The files XXX_coordinates.tsv and XXX_karyotype.txt are the intake files necessary for running RIdeogram to generate a macrosynteny figure. Copy them to plot_ideogram/input and generate the plots using plot_ideogram.R.

Notes:

An ncbi_downloads folder is created in the provided root directory, rather than in the run_name folder. This improves efficiency, as it prevents the same accession from being downloaded multiple times across different run folders.
Species codes are defined by the first letter of an organism's genus name followed by the first two letters of its species name. In runs where multiple species share the same code, codes are defined by the first two letters of an organism's genus name followed by the first three letters of its species name. Unexpected issues may arise if multiple species share the same species code within the same directory provided.

5. Plotting in R

The script SyntenyFinder/plot_ideogram/plot_ideogram.R takes the karyotype and coordinate files generated by SyntenyFinder and plots them using RIdeogram.

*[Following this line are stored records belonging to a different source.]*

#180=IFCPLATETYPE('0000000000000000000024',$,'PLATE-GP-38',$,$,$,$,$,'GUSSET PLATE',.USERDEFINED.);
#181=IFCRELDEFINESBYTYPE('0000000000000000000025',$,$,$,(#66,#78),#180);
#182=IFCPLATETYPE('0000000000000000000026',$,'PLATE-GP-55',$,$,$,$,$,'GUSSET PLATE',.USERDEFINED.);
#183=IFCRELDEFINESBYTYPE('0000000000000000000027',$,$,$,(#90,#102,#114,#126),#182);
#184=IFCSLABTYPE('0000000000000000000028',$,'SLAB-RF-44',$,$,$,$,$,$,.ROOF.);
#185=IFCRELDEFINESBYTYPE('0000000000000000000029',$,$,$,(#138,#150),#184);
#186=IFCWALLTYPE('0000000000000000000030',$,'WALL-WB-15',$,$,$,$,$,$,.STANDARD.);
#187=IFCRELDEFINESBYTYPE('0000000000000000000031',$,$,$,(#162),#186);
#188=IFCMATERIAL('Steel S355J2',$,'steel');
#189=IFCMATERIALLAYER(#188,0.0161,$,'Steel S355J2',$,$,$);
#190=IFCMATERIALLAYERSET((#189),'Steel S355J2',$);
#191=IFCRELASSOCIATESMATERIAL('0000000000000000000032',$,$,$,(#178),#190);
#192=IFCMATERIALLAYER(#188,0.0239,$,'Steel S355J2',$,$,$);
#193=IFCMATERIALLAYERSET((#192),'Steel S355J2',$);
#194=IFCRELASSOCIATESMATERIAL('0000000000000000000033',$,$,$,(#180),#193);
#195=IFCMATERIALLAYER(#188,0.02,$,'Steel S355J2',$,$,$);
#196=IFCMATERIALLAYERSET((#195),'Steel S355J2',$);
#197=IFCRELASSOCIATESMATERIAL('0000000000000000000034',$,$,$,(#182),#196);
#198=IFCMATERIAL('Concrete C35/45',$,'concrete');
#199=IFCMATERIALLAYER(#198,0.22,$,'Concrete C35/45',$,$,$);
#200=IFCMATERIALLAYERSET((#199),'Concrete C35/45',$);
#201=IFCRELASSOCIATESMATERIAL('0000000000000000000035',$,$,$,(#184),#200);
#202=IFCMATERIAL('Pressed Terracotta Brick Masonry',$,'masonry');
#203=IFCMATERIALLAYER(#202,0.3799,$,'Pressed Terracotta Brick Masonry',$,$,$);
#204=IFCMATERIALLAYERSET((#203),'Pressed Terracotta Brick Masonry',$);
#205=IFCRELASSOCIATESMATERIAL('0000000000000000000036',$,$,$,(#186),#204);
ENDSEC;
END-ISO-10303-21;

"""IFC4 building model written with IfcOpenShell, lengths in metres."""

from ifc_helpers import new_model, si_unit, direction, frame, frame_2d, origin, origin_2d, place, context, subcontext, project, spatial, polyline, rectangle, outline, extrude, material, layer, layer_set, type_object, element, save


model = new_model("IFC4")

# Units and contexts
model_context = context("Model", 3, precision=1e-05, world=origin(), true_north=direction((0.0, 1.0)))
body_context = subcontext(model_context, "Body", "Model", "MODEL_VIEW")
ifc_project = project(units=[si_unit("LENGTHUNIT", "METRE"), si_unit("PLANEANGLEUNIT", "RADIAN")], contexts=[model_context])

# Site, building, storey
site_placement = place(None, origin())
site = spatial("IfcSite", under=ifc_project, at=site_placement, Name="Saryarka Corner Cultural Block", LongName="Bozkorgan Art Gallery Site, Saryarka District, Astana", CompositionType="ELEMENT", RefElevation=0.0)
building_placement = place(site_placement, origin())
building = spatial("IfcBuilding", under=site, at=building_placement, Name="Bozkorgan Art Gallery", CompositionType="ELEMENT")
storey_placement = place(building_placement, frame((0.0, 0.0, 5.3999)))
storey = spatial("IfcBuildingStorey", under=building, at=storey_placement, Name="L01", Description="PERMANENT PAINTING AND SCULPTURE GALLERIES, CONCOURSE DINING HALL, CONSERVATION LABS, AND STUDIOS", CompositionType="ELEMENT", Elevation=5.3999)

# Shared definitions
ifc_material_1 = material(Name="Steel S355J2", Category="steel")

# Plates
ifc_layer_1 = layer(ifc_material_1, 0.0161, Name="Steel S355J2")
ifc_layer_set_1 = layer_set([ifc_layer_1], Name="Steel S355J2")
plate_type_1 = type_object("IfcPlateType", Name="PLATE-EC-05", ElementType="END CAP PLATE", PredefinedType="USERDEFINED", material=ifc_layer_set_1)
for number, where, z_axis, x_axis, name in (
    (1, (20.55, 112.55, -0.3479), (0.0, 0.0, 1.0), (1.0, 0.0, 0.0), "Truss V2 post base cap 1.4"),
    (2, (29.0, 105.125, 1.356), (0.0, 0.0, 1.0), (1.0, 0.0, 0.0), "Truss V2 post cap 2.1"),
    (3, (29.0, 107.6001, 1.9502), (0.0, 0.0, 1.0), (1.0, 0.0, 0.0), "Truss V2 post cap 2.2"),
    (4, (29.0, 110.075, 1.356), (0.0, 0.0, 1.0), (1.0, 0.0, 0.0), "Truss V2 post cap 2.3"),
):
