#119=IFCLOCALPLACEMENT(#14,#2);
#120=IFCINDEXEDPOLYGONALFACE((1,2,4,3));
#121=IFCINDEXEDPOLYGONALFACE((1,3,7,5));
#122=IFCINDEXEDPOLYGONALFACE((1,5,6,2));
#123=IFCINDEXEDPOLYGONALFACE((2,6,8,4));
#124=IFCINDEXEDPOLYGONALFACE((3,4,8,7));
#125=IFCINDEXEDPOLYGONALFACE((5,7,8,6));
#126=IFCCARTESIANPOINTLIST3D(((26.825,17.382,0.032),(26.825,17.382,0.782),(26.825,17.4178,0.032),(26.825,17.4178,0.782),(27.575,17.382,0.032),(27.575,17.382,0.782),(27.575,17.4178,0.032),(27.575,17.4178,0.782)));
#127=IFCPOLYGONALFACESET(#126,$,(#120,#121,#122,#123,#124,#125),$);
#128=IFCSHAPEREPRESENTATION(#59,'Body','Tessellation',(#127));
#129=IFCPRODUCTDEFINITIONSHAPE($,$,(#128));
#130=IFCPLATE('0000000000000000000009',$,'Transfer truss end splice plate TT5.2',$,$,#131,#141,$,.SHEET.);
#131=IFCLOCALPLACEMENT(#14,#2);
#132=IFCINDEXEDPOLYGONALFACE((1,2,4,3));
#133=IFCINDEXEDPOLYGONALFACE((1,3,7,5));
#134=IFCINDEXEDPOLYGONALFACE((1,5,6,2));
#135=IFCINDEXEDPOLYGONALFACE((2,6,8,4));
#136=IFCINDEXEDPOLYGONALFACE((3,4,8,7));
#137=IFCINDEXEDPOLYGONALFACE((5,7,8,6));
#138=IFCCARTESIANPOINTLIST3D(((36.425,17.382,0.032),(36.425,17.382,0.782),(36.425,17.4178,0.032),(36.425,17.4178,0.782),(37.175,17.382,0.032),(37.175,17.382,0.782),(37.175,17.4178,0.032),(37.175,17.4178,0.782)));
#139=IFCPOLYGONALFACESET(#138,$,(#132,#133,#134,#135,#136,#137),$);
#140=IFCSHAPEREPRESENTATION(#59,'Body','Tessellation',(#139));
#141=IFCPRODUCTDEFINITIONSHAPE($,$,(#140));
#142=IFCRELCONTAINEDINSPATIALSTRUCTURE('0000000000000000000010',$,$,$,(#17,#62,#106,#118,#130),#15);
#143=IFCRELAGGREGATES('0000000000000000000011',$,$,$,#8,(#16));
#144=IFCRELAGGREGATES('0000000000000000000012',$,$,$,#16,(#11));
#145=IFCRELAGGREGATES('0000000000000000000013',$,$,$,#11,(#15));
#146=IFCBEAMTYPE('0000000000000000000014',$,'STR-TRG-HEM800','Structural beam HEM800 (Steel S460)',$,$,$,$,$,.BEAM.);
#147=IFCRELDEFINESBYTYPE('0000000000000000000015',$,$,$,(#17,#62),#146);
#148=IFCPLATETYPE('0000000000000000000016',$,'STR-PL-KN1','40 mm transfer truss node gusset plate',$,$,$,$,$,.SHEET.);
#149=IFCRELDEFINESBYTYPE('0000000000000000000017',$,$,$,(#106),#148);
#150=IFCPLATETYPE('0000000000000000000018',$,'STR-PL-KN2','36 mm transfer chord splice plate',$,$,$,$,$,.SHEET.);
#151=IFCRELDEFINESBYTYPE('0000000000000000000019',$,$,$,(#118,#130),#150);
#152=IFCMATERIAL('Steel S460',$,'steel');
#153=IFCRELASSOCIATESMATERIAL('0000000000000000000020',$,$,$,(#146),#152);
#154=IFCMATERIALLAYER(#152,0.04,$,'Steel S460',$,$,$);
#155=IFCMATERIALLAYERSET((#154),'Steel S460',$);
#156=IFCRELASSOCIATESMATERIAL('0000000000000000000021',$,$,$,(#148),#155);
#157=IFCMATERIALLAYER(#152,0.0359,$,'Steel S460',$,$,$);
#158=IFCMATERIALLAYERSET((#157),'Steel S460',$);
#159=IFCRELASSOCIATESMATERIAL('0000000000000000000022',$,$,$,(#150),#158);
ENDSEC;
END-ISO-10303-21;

To use this script, first copy the output files from root_directory/run_name/output to plot_ideogram/input. Then create the directories indicated with an (*) as shown below for the output files of plot_ideogram.R.

SyntenyFinder
└── plot_ideogram
    ├── ideograms (*)
    │   ├── pdf (*)
    │   └── svg (*)
    ├── input (*)
    │   └── <copy output from SyntenyFinder>
    └── plot_ideogram.R

This script generates SVG and PDF files which can then be modified in illustrator to create the final figures.

6. Additional information

Citation

Please cite our preprint if you use this pipeline:

T. D. Lewin, I. J.-Y. Liao, M.-E. Chen, J. D. D. Bishop, P. W. H. Holland, Y.-J. Luo, Fusion, Fission, and Scrambling of the Bilaterian Genome in Bryozoa. bioRxiv, 2024.02.15.580425 (2024).